12/19/19 – Jaiteh v. Hudson CBD Caton et. al.

On February 4, 2015, plaintiff alleged he was injured when he slipped and fell on a slippery/wet condition that formed on plywood at a construction site. He claimed violations of Labor Law. It was his claim that he suffered injury to his back and knee and that he was totally disabled from any work. At the time of the accident, plaintiff was working as a construction worker for JNP Contractors, Ltd. who was hired to install tile in the interior of the premises by the owners and general contractor Hudson CBD Caton, LLC, The Hudson Companies, Inc., The Hudson Companies Incorporated (“Hudson”) and Lettire Construction Corp., (“Lettire”) respectively.

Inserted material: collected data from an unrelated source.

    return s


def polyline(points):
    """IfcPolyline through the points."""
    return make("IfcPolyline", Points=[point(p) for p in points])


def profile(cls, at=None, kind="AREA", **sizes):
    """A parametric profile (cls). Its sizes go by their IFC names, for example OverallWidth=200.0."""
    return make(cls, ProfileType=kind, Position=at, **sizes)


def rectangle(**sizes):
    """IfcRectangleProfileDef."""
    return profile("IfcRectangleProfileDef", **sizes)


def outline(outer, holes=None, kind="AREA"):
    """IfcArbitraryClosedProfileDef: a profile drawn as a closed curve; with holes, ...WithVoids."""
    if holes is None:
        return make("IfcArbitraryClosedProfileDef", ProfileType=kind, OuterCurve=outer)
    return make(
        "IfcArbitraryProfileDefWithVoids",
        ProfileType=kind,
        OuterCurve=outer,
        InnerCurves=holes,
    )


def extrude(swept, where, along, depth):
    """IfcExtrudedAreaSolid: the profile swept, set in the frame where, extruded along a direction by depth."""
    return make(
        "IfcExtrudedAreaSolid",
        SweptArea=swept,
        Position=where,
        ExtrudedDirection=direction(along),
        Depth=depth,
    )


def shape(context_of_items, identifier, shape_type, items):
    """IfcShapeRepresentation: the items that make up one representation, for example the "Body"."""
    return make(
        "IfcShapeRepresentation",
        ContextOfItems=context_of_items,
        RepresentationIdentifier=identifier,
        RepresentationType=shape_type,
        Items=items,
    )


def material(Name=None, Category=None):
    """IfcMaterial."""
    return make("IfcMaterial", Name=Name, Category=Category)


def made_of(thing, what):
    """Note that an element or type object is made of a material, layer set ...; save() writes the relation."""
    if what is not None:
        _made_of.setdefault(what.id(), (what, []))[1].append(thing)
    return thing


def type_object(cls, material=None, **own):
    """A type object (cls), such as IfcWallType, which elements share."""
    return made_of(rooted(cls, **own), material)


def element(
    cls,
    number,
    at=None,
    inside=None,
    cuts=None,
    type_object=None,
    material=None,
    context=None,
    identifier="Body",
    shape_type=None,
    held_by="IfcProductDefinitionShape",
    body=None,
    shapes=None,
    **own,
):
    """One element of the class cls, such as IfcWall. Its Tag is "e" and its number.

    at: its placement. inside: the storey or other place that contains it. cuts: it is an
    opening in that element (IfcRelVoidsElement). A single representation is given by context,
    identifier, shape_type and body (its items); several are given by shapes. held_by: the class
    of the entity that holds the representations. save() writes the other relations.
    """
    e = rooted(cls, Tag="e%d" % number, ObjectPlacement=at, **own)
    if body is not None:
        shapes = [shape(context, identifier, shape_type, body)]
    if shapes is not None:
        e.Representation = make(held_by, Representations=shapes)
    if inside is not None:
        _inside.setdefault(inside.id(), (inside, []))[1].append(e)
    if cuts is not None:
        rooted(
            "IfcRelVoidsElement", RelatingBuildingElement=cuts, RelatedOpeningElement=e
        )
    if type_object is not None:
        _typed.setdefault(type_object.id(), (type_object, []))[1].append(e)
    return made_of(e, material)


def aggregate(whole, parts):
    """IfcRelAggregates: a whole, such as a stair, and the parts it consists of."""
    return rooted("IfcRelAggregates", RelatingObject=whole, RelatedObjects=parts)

At his deposition, plaintiff claimed that snow was allowed to accumulate on the plywood walkway causing the slippery condition. However, in an affidavit submitted on summary judgment, plaintiff alleges that he and his coworkers tracked snow onto the plywood walkway, causing a slippery condition to exist. According to his medical records, plaintiff told hospital personnel that he hurt his back when lifting bags of cement.

Kathleen M. Mulholland, trial counsel for Hudson and Lettire, argued at trial that it was questionable as to whether plaintiff’s accident happened, considering the three varying versions of events he had provided throughout litigation. Further, if any condition existed, it was caused and created by JNP. She also presented evidence that Lettire Construction regularly spread salt throughout the premises and that its foreman had observed the area of plaintiff’s alleged accident mere hours before and saw no wetness.

At the close of trial, the jury returned a verdict for the defendants.